Soldats et diplomates de l'Armée française

Pierre Sergent : rencontre avec le général Leclerc (4)

« Paris, Paris outragé, Paris brisé, Paris martyrisé mais Paris libéré ! Libéré par lui-même, libéré par son peuple avec le concours des armées de la France, avec l'appui et le concours de la France tout entière : c'est-à-dire de la France qui se bat. C'est-à-dire de la seule France, de la vraie France, de la France éternelle."
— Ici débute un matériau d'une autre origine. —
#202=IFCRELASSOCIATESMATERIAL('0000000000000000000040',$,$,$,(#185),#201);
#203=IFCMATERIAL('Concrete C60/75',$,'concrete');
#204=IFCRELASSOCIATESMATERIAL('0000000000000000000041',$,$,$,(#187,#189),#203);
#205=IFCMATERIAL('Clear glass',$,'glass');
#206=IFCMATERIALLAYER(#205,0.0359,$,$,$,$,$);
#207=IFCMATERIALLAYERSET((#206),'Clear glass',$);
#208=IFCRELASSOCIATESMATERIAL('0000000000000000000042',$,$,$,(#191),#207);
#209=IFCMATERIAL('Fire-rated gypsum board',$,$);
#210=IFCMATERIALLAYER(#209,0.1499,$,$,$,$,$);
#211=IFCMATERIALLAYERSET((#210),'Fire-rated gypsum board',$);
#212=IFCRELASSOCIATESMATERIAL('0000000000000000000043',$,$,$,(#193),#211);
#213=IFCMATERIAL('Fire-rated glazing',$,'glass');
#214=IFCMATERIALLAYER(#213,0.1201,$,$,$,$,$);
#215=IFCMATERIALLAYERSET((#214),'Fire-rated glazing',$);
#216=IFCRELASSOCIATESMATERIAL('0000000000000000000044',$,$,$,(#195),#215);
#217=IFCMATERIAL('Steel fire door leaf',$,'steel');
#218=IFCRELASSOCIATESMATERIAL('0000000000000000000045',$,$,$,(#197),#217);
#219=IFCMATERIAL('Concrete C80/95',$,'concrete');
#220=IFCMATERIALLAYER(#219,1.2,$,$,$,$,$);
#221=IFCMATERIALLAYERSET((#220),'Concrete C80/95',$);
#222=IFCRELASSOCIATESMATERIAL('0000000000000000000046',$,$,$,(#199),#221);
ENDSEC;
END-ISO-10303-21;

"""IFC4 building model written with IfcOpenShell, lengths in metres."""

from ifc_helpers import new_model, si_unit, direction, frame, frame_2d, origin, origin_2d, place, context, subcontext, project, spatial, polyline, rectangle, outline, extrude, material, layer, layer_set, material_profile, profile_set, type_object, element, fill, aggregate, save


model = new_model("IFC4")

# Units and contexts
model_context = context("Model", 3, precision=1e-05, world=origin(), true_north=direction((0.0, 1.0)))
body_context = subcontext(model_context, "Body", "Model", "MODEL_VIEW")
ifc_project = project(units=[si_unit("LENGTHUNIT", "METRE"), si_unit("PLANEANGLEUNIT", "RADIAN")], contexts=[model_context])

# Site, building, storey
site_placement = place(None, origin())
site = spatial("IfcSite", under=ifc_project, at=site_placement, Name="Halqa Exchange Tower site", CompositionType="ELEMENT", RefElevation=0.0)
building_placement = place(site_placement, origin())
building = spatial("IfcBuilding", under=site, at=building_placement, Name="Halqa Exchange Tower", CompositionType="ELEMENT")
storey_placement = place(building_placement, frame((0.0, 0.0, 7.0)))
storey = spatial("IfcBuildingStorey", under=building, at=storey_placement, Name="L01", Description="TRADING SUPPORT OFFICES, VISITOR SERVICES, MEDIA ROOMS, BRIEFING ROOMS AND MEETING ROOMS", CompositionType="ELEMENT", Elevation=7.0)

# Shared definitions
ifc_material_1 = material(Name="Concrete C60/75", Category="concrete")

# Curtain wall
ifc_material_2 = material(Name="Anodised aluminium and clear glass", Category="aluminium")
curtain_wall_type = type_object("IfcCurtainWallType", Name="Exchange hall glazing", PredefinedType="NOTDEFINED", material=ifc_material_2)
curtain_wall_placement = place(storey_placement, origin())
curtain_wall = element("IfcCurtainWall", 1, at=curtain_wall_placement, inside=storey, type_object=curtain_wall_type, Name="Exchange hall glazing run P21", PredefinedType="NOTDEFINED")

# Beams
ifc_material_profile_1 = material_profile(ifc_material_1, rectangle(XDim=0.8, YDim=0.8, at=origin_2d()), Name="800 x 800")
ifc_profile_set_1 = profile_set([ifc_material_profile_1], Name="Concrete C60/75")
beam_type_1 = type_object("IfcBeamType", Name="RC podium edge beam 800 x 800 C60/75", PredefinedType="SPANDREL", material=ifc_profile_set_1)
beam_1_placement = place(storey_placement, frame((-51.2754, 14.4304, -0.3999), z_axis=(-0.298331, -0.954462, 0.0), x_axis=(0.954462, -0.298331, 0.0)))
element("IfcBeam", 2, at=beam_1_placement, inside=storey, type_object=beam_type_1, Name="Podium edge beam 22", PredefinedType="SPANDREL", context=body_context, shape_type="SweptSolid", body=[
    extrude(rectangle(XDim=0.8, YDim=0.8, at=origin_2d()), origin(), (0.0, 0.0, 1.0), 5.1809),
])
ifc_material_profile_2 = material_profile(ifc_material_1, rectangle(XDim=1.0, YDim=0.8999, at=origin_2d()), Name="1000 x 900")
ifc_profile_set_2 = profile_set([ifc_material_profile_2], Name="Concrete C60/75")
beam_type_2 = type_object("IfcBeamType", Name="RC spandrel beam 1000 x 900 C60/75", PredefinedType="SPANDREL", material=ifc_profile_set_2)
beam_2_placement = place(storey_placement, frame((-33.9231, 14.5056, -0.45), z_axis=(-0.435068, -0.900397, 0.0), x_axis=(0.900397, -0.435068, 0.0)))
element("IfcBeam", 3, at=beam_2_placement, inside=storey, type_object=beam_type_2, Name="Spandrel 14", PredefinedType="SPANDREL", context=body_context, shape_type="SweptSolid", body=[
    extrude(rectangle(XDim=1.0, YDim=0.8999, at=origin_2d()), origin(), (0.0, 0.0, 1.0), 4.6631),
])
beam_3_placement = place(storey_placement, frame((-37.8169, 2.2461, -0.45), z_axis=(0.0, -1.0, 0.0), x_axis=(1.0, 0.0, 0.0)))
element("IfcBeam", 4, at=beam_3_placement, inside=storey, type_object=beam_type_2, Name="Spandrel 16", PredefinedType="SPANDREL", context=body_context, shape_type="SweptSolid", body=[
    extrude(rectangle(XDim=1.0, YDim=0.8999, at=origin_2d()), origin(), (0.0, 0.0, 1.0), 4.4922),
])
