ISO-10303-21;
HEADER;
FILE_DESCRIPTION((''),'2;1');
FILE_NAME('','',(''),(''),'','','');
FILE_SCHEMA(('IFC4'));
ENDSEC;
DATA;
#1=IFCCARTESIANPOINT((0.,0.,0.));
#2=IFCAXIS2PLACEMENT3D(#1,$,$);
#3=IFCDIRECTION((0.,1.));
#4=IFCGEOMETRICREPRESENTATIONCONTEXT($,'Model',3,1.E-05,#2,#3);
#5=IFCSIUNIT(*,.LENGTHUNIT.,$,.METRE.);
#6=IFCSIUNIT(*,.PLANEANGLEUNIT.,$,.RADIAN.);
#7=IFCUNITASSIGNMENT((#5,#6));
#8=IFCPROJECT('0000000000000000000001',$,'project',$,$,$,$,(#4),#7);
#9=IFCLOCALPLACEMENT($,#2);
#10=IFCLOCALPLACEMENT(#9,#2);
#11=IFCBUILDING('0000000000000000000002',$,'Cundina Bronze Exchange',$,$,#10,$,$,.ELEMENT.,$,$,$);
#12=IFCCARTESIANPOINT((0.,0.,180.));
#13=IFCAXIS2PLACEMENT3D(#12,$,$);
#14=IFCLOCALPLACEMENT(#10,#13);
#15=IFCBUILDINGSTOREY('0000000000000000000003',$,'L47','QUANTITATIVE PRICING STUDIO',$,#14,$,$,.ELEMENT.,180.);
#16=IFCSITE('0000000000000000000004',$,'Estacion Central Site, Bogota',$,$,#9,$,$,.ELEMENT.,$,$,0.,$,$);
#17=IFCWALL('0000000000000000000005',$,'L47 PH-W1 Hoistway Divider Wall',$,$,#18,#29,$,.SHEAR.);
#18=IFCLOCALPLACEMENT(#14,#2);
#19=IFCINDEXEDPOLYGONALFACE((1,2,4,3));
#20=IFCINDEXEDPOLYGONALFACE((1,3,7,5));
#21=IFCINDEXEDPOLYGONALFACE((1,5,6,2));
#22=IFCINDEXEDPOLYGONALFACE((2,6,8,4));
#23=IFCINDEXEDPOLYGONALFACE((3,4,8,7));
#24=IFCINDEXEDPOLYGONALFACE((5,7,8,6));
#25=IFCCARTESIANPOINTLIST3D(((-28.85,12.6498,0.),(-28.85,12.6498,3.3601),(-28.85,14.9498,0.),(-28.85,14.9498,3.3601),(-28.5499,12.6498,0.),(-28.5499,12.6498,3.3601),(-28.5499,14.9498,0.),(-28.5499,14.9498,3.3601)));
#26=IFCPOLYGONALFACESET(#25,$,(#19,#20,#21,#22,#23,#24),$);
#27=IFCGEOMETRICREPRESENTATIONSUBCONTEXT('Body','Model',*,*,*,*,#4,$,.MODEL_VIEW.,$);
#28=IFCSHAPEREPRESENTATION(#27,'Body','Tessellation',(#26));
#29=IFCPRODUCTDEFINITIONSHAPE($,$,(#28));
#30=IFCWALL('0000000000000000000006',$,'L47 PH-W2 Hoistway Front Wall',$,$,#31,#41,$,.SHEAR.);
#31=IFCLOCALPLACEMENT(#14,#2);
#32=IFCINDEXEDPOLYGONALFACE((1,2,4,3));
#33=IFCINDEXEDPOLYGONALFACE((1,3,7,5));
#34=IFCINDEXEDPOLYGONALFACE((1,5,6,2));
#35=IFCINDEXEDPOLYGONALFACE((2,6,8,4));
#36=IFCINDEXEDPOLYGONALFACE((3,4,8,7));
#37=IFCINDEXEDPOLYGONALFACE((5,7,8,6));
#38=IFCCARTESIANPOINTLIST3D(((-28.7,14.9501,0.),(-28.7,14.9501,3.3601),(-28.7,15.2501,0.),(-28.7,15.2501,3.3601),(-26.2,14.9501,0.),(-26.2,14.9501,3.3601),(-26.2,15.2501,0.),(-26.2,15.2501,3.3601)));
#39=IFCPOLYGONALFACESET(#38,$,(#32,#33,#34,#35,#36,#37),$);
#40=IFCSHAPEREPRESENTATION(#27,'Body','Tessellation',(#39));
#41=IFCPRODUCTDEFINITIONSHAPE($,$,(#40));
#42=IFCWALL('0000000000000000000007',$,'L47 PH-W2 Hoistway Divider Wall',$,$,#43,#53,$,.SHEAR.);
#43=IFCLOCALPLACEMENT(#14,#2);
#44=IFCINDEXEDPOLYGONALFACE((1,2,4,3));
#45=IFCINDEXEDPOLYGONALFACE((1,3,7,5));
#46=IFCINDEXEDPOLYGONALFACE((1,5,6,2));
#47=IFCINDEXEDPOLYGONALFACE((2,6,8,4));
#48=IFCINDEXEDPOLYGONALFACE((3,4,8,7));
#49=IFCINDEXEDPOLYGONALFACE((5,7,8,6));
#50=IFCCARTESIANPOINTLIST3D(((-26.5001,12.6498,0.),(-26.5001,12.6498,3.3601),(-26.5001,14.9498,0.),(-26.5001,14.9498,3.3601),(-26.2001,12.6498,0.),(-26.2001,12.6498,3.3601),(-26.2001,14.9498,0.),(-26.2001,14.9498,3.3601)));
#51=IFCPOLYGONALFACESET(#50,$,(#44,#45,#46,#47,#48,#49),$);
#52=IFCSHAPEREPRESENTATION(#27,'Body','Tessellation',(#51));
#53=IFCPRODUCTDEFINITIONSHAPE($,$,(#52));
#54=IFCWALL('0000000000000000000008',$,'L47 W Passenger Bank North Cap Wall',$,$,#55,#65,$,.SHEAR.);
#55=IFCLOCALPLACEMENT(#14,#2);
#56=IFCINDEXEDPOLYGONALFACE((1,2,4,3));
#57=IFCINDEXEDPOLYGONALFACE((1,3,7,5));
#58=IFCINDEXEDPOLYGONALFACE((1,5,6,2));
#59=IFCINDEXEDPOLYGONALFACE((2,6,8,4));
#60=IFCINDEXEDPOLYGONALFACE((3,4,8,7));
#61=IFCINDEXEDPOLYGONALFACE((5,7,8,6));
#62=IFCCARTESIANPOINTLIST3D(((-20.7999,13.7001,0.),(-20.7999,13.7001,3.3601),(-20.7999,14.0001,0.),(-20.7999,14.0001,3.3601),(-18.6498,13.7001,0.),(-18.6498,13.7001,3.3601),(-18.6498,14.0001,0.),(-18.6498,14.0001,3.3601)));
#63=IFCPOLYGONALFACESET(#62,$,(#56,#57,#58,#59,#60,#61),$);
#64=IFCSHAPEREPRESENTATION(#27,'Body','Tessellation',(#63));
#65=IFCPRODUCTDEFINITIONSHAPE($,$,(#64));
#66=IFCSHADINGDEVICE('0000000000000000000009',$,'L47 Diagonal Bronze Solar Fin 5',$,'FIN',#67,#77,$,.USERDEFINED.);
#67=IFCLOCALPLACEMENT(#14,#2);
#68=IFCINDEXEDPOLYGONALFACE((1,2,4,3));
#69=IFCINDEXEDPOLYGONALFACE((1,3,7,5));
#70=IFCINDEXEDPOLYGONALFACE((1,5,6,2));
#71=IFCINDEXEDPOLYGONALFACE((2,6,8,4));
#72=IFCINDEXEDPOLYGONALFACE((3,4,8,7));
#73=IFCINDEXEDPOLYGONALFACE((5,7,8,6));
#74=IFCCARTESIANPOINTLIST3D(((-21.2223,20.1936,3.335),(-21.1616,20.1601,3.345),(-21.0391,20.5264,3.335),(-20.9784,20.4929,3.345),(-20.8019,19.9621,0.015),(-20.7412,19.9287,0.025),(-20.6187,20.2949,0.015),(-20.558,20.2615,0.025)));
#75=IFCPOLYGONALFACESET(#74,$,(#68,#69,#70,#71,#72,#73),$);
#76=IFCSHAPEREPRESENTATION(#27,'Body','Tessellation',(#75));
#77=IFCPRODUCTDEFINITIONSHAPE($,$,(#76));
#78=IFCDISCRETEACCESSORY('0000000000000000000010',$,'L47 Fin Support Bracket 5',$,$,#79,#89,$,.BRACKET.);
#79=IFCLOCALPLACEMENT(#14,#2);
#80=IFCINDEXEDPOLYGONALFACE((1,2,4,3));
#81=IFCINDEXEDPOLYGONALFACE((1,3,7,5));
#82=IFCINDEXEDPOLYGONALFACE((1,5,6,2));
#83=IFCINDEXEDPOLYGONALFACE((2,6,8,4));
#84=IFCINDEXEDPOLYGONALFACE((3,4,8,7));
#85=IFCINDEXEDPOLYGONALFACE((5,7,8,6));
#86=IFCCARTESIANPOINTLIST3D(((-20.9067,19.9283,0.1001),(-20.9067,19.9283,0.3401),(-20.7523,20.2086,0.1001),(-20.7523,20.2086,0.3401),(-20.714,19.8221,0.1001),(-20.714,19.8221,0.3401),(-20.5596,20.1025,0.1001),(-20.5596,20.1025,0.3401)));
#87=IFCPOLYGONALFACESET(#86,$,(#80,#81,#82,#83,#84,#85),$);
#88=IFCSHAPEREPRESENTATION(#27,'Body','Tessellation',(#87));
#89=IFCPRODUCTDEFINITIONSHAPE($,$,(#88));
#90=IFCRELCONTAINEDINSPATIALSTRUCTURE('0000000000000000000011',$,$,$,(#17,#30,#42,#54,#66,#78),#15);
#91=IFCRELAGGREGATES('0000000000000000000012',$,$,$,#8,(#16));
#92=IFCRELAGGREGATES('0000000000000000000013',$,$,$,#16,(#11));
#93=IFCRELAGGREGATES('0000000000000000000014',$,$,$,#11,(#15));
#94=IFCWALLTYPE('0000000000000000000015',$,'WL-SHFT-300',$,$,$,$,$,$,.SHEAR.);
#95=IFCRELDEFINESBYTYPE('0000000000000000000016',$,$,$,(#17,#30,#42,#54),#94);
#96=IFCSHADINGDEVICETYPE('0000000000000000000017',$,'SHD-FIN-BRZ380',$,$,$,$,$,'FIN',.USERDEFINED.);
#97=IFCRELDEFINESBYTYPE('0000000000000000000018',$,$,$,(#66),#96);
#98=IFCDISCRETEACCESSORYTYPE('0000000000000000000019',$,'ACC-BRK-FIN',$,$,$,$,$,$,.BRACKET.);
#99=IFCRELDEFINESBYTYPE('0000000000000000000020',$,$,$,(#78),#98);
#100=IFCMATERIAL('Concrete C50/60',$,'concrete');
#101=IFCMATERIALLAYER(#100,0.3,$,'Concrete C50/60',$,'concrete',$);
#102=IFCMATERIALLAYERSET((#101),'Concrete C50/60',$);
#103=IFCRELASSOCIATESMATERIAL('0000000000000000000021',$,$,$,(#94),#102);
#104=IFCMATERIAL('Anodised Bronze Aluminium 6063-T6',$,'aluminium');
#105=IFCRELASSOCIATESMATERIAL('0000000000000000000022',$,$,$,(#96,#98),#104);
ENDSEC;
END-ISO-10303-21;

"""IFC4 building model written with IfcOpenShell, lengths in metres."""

from ifc_helpers import new_model, si_unit, direction, frame, frame_2d, origin, origin_2d, place, context, subcontext, project, spatial, rectangle, extrude, material, layer, layer_set, material_profile, profile_set, type_object, element, save


model = new_model("IFC4")

# Units and contexts
model_context = context("Model", 3, precision=1e-05, world=origin(), true_north=direction((0.0, 1.0)))
body_context = subcontext(model_context, "Body", "Model", "MODEL_VIEW")
ifc_project = project(units=[si_unit("LENGTHUNIT", "METRE"), si_unit("PLANEANGLEUNIT", "RADIAN")], contexts=[model_context])

# Site, building, storey
site_placement = place(None, origin())
site = spatial("IfcSite", under=ifc_project, at=site_placement, Name="Estacion Central Site, Bogota", CompositionType="ELEMENT", RefElevation=0.0)
building_placement = place(site_placement, origin())
building = spatial("IfcBuilding", under=site, at=building_placement, Name="Cundina Bronze Exchange", CompositionType="ELEMENT")
storey_placement = place(building_placement, frame((0.0, 0.0, 180.0)))
storey = spatial("IfcBuildingStorey", under=building, at=storey_placement, Name="L47", Description="QUANTITATIVE PRICING STUDIO", CompositionType="ELEMENT", Elevation=180.0)

# Shared definitions
ifc_material_1 = material(Name="Concrete C50/60", Category="concrete")

# Shared definitions
ifc_material_2 = material(Name="Anodised Bronze Aluminium 6063-T6", Category="aluminium")

# Shared definitions
ifc_layer_1 = layer(ifc_material_1, 0.3, Name="Concrete C50/60", Category="concrete")
ifc_layer_set_1 = layer_set([ifc_layer_1], Name="Concrete C50/60")
wall_type_1 = type_object("IfcWallType", Name="WL-SHFT-300", PredefinedType="SHEAR", material=ifc_layer_set_1)

# Walls
wall_1_placement = place(storey_placement, frame((-28.7, 12.6499, 0.0), z_axis=(0.0, 0.0, 1.0), x_axis=(0.0, 1.0, 0.0)))
element("IfcWall", 1, at=wall_1_placement, inside=storey, type_object=wall_type_1, Name="L47 PH-W1 Hoistway Divider Wall", PredefinedType="SHEAR", context=body_context, shape_type="SweptSolid", body=[
    extrude(rectangle(XDim=2.3, YDim=0.3, at=frame_2d((1.1499, 0.0))), origin(), (0.0, 0.0, 1.0), 3.3601),
])
wall_2_placement = place(storey_placement, frame((-28.7, 15.1001, 0.0), z_axis=(0.0, 0.0, 1.0), x_axis=(1.0, 0.0, 0.0)))
element("IfcWall", 2, at=wall_2_placement, inside=storey, type_object=wall_type_1, Name="L47 PH-W2 Hoistway Front Wall", PredefinedType="SHEAR", context=body_context, shape_type="SweptSolid", body=[
    extrude(rectangle(XDim=2.5, YDim=0.3, at=frame_2d((1.25, 0.0))), origin(), (0.0, 0.0, 1.0), 3.3601),
])
wall_3_placement = place(storey_placement, frame((-26.3501, 12.6499, 0.0), z_axis=(0.0, 0.0, 1.0), x_axis=(0.0, 1.0, 0.0)))
element("IfcWall", 3, at=wall_3_placement, inside=storey, type_object=wall_type_1, Name="L47 PH-W2 Hoistway Divider Wall", PredefinedType="SHEAR", context=body_context, shape_type="SweptSolid", body=[
    extrude(rectangle(XDim=2.3, YDim=0.3, at=frame_2d((1.1499, 0.0))), origin(), (0.0, 0.0, 1.0), 3.3601),
])
wall_4_placement = place(storey_placement, frame((-20.8, 13.8501, 0.0), z_axis=(0.0, 0.0, 1.0), x_axis=(1.0, 0.0, 0.0)))
element("IfcWall", 4, at=wall_4_placement, inside=storey, type_object=wall_type_1, Name="L47 W Passenger Bank North Cap Wall", PredefinedType="SHEAR", context=body_context, shape_type="SweptSolid", body=[
    extrude(rectangle(XDim=2.1501, YDim=0.3, at=frame_2d((1.0752, 0.0))), origin(), (0.0, 0.0, 1.0), 3.3601),
])

# Shading device
ifc_material_profile_1 = material_profile(ifc_material_2, rectangle(XDim=0.0701, YDim=0.3799, at=origin_2d()), Name="FIN70X380", Category="aluminium")
ifc_profile_set_1 = profile_set([ifc_material_profile_1], Name="Anodised Bronze Aluminium 6063-T6")
shading_device_type = type_object("IfcShadingDeviceType", Name="SHD-FIN-BRZ380", ElementType="FIN", PredefinedType="USERDEFINED", material=ifc_profile_set_1)
shading_device_placement = place(storey_placement, frame((-20.6799, 20.1118, 0.02), z_axis=(-0.125324, 0.068994, 0.989714), x_axis=(0.867012, -0.47731, 0.143061)))
element("IfcShadingDevice", 5, at=shading_device_placement, inside=storey, type_object=shading_device_type, Name="L47 Diagonal Bronze Solar Fin 5", ObjectType="FIN", PredefinedType="USERDEFINED", context=body_context, shape_type="SweptSolid", body=[
    extrude(rectangle(XDim=0.0701, YDim=0.3799, at=origin_2d()), origin(), (0.0, 0.0, 1.0), 3.3545),
])

# Discrete accessory
discrete_accessory_type = type_object("IfcDiscreteAccessoryType", Name="ACC-BRK-FIN", PredefinedType="BRACKET", material=ifc_material_2)
discrete_accessory_placement = place(storey_placement, frame((-20.7332, 20.0154, 0.1001), z_axis=(0.0, 0.0, 1.0), x_axis=(-0.875869, 0.482549, 0.0)))
element("IfcDiscreteAccessory", 6, at=discrete_accessory_placement, inside=storey, type_object=discrete_accessory_type, Name="L47 Fin Support Bracket 5", PredefinedType="BRACKET", context=body_context, shape_type="SweptSolid", body=[
    extrude(rectangle(XDim=0.22, YDim=0.3201, at=origin_2d()), origin(), (0.0, 0.0, 1.0), 0.24),
])

save(model, "model.ifc")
Le 26 août, Paris fut libérée de la présence allemande. Il ne restait que quelques bastions indociles, mais dans l'ensemble, Paris respirait. Le général de Gaulle pouvait tranquillement déchaîner ses vers en prose sur les radios de France, et c'est avec l'âme apaisée, qu'il descendit avec Georges Bidault l'avenue des Champs Elysée.

L'ennemi avait été balayé par six jours de siège, et la résistance française, commandée par Rol-Tanguy, y était pour beaucoup. La bataille de Paris fut gagnée en 6 jours, et le Paris occupé se transforma en Paris libéré.

 

Leclerc dans Paris, 26 aout 1945

On pouvait voir dans toutes les rues de Lutèce, des militaires alliés armés de carabines US. Au mythe du soldat germanique, succéda la mystique du GI's beau et souriant au porte-monnaie bien rempli. La foule ne pouvait que se presser de voir rouler sur le goudron parisien, les Jeep et chars Sherman.

Mais pour Pierre Sergent, ce n'étaient pas les carlingues alliées qui le comblaient. Ni de Gaulle ou Chaban-Delmas. Celui qu'il regardait avec passion et respect, c'était le chef militaire de la France libre. Le génie de la 2e DB. Ce cher Leclerc qu'il n'avait jamais vu de ses yeux, mais dont il avait suivi l'avancée à travers les comptes rendus des Forces françaises libres.

Il était là Leclerc. Il était incroyable ce Leclerc. C'était le véritable héros de toute une génération de résistants. En tenue kaki, le képi bien installé, il imposait. Pierre Sergent n'en avait que pour lui. Lui le chef de guerre. Lui ce fin tacticien aux sens éveillés.

Jusqu’au bout, la bataille de Paris était restée pour Leclerc, la bataille de la psychologie renversée : la Normandie tombée, Paris marquerait le refoulement des Allemands hors de France. Paris devait être pour l'Allemagne d'Hitler, le Stalingrad de l'Ouest.

C'est pourquoi, bien avant la lettre écrite de de Gaulle à Eisenhower du 22 août 1944 relatant la volonté du général de libérer Paris, Leclerc avait pris la décision de foncer avec sa 2eDB. Pour lui, la situation était grave. Il fallait concentrer les efforts, pour appuyer le sort de la bataille. Finalement, après d’âpres combats, le général Leclerc reçut le 25 aout la reddition du général von Choltitz. Le 26 il marchait dans Paris, à côté de de Gaulle.

Tout cela était impensable ! Inconcevable, et pourtant, cela se fit. Leclerc avait libéré Paris. Et Paris avait été sauvé avec le concours de la France.

Or, ce 26 aout 1945, Pierre Sergent était lui aussi dans Paris. Il se retrouva nez à nez avec cet homme qu'il vénérait à travers ses exploits militaires (l'Afrique, la Normandie, Paris). Quelle rêverie : « piteux, ulcéré, je regarde s'éloigner, debout dans son command-car, celui dont l'image était épinglée depuis si longtemps sur les murs de ma chambre ».

Et là, à la manière des Anciens, le commandant de la 2e division descendit de son command-car. Distingué en auguste chef de guerre, il marcha vers ses jeunes pleins de courage et d'audace. Exaltant de ton, voilà le moment tant attendu par Pierre. Le général se tourna vers lui et après quelques mots exaltants sur la résistance de cette jeunesse de 18 ans, il allégua : « continuez sans hésitation à préparer Cyr ». Les mots étaient lâchés. Ils prenaient une tournure d'ordre. Il fallait confirmer ce dévouement. Le même qu'il avait fait connaître à sa mère en 1942. Il deviendrait officier.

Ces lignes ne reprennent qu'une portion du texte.